Research Overview

The ability of a cell to respond to environmental stresses, differentiate properly, and progress normally through the cell cycle requires a specific and coordinated gene expression program involving regulated transcription of thousands of genes. The initiation of transcription is in large part controlled by the binding of transcriptional activators and repressors (trans factors) to specific sequences on DNA (cis elements). Despite their importance, the sequence specificities of most transcription factors (TFs) remain unknown, underscoring the need for a rapid and universal method to discover the cis element sequences bound by specific TFs.

To address this need we developed a novel DNA microarray-based in vitro technology, which we named protein binding microarrays (PBMs). This technology allows rapid, high-throughput characterization of the DNA binding site sequence specificities of TFs in a single day. We also developed a genome-sequence independent, universal PBM technology that can be used on TFs and other DNA-binding proteins from any organism. (Mukherjee et al., Nature Genetics (2004) 36(12):1331-9; Berger et al., Nature Biotechnology (2006) 24(11):1429-1435). The universal PBM technology is depicted in the schematic below.

Universal PBM containing all possible 10-mer binding sites, bound by the S. cerevisiae TF Cbf1 expressed with a glutathione S-transferase (GST) epitope tag. Above is a schematic showing the three main stages of each experiment: primer annealing, primer extension, and protein binding. Beneath are zoom-in images of each stage for the same microarray, scanned at different wavelengths: Cy5-labeled universal primer, Cy3-labeled dUTP and Alexa488-conjugated a-GST antibody. Fluorescence intensities are shown in false color, with blue indicating low signal intensity, green indicating moderate signal intensity, yellow indicating high signal intensity, and white indicating saturated signal intensity. The variability observed in the Cy3-dUTP signal is due to differences in the nucleotide composition of each feature. The blank spots are single-stranded negative control probes that do not contain the universal primer sequence.


Using PBMs, we have identified the DNA binding site sequence specificities of hundreds of TFs from a wide range of organisms, including yeast, worm, fly, mouse, human, and the important pathogens Vibrio harveyi and Plasmodium falciparum. PBM binding specificity data also allow for improved prediction of genomic TF binding sites and TFs' combinatorial co-regulation of target genes, which aid in the identification of cis regulatory elements and gene regulatory networks.

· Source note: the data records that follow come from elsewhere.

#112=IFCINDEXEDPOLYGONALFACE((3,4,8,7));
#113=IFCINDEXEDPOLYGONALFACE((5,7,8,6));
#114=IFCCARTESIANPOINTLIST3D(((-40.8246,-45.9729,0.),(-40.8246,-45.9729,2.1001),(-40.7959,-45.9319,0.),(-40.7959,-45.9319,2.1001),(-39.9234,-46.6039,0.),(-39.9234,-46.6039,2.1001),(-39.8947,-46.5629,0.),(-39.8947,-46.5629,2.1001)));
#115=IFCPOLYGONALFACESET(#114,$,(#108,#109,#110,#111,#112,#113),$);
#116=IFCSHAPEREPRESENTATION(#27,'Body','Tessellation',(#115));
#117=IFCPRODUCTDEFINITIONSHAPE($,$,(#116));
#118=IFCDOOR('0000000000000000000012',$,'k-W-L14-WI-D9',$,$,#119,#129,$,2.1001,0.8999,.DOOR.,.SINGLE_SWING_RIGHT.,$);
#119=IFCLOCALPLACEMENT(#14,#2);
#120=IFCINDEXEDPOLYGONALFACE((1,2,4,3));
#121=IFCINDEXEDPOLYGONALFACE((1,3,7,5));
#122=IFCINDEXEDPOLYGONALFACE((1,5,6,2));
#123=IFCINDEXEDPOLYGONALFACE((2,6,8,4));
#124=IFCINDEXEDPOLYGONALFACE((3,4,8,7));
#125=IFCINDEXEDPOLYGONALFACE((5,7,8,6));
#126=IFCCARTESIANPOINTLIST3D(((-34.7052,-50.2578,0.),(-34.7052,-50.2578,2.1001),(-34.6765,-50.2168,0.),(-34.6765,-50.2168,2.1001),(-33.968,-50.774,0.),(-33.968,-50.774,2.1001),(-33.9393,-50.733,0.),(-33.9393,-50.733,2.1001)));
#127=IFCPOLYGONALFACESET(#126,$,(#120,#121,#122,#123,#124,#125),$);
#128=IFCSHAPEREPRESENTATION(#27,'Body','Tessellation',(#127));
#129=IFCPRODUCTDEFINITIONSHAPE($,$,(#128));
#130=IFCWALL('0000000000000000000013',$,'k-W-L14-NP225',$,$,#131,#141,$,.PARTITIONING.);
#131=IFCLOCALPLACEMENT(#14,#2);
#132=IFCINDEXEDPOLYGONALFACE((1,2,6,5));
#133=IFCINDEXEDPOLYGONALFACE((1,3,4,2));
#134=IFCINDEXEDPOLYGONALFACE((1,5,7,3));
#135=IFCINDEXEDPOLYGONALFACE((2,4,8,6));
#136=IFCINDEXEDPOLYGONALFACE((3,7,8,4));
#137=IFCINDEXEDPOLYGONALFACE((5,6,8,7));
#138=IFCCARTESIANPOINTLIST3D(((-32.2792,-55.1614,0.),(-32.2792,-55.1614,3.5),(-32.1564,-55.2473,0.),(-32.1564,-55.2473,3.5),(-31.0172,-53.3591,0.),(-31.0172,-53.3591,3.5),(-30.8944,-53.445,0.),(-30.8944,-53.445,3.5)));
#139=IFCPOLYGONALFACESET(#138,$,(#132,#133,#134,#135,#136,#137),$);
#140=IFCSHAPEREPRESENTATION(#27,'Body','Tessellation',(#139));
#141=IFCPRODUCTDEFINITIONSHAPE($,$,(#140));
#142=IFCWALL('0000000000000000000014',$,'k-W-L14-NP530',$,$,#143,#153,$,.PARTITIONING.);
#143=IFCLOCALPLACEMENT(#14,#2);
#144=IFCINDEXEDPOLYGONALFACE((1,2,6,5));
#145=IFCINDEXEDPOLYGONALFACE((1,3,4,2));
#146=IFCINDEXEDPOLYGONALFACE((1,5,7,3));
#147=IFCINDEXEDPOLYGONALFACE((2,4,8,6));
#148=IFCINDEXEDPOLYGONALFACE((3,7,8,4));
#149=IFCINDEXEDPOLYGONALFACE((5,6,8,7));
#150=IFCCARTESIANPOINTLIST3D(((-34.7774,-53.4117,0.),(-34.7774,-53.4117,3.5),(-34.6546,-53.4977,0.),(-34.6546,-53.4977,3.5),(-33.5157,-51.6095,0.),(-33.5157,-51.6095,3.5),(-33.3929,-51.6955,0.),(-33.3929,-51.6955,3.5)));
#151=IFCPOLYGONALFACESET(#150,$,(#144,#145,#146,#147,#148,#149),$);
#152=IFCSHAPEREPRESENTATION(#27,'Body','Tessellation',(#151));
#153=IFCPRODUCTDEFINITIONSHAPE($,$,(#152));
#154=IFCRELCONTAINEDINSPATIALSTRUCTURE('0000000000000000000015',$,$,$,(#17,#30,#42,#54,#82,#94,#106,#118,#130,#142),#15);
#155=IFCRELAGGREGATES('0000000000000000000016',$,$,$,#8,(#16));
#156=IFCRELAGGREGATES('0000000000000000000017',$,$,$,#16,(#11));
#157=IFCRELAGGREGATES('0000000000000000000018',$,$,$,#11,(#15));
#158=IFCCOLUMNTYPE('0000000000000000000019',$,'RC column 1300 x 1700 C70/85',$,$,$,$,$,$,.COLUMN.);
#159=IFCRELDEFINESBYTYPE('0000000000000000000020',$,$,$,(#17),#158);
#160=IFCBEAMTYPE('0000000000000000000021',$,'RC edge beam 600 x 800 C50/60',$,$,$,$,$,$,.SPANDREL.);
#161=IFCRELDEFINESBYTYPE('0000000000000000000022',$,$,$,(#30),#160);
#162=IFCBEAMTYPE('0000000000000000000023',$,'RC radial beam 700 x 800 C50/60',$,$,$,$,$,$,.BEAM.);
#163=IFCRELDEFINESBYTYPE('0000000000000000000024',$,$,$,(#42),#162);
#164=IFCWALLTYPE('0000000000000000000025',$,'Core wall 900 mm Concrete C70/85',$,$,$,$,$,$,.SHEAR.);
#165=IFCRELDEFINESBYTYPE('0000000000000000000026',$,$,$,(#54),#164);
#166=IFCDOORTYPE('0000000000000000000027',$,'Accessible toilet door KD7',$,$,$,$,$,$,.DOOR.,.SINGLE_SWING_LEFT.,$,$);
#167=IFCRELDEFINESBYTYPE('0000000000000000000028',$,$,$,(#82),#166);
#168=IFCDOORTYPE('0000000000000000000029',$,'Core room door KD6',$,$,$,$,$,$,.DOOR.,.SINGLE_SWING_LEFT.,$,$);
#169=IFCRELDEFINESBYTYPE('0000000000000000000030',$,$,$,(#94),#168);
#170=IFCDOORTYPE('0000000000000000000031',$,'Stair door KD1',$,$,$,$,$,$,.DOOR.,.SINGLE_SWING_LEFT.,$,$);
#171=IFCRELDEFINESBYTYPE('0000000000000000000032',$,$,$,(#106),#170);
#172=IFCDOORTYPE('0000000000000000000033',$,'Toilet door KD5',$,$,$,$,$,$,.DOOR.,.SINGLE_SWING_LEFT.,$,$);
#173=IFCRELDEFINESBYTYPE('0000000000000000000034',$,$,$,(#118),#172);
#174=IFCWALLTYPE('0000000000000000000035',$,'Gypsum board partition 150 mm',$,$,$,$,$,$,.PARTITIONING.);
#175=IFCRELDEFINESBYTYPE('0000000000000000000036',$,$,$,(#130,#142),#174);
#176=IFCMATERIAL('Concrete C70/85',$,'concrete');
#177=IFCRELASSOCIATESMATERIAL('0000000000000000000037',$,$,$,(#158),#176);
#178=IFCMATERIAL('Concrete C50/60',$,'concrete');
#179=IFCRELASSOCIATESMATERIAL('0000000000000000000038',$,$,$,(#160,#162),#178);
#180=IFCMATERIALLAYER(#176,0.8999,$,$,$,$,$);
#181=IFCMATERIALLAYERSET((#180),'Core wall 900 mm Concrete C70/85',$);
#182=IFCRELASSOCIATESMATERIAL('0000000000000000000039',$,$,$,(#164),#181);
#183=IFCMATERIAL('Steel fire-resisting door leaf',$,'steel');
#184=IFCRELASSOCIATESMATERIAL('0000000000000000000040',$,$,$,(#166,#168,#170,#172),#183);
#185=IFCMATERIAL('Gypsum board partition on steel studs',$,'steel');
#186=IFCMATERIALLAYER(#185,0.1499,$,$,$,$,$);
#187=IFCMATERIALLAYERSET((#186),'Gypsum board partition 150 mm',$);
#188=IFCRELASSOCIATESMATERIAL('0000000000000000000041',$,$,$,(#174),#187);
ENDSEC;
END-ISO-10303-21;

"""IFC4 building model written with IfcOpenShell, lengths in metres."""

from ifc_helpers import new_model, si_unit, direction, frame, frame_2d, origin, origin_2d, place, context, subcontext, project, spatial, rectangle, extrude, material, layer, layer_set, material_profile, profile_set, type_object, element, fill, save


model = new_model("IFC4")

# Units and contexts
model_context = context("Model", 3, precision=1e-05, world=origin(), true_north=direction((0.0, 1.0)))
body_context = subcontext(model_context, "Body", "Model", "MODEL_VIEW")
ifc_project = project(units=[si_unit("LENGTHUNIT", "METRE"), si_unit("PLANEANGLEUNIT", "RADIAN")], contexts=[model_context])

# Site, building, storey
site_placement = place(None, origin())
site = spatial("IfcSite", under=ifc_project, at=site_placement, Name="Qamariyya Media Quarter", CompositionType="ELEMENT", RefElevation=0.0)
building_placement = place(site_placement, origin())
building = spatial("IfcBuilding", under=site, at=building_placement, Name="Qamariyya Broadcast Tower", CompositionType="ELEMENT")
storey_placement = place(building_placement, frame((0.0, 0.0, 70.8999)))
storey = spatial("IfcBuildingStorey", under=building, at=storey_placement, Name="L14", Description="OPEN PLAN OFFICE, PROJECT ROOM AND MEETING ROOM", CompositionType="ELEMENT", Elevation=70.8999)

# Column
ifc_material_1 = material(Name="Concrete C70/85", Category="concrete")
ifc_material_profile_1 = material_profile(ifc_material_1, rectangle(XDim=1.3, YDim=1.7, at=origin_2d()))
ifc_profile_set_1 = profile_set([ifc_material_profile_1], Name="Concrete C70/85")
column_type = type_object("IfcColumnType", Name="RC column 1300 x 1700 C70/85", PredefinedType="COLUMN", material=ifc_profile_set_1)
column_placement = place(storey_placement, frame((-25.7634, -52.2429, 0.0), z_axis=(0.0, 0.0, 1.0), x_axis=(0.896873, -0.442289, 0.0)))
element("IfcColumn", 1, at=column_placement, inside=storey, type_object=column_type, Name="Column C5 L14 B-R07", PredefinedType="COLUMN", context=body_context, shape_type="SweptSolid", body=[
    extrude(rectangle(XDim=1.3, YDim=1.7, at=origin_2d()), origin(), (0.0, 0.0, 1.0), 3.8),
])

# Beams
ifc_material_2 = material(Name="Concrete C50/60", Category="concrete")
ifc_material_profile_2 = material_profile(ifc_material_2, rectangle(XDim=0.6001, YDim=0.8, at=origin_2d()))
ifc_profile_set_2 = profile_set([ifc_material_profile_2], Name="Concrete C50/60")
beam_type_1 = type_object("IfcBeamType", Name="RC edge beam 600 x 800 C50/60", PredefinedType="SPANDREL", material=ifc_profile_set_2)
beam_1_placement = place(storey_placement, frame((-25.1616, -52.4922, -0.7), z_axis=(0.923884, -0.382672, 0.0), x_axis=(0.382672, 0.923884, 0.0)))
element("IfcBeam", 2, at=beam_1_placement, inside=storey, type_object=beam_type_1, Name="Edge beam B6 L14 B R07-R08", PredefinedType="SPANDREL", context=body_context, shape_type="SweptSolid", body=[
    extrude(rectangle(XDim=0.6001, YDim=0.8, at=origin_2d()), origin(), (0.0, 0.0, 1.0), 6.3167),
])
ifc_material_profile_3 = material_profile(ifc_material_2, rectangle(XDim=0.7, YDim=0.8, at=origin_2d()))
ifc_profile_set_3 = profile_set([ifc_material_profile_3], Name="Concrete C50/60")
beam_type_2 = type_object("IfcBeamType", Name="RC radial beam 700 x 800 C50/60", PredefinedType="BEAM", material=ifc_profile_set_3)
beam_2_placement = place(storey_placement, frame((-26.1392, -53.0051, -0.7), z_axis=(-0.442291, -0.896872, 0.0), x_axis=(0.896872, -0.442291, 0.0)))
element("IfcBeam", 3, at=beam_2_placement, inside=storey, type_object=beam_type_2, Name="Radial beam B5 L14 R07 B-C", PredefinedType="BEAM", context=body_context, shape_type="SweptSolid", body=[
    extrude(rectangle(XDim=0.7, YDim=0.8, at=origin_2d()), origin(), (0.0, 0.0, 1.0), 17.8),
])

In pursuit of these broader and more integrated goals we have developed computational approaches for analyzing cis regulatory modules (CRMs), which are groups of many specific cis regulatory elements in close proximity along the genomic DNA. We have developed algorithms that include a rigorous statistical consideration of TF binding site clustering, their combinatorial co-occurrences, and cross-species conservation in order to identify candidate CRMs. We have seen that our predicted CRMs are bound by the corresponding TFs in mammalian cells, and that predicted transcriptional enhancers drive temporal- and cell-specific gene expression in the developing Drosophila embryo. A newer algorithm of ours can refine a prior hypothesis of TFs' combinatorial co-regulation of the expression of their target genes. These and newer strategies under development in our lab can be applied widely for analyzing metazoan transcriptional regulatory networks.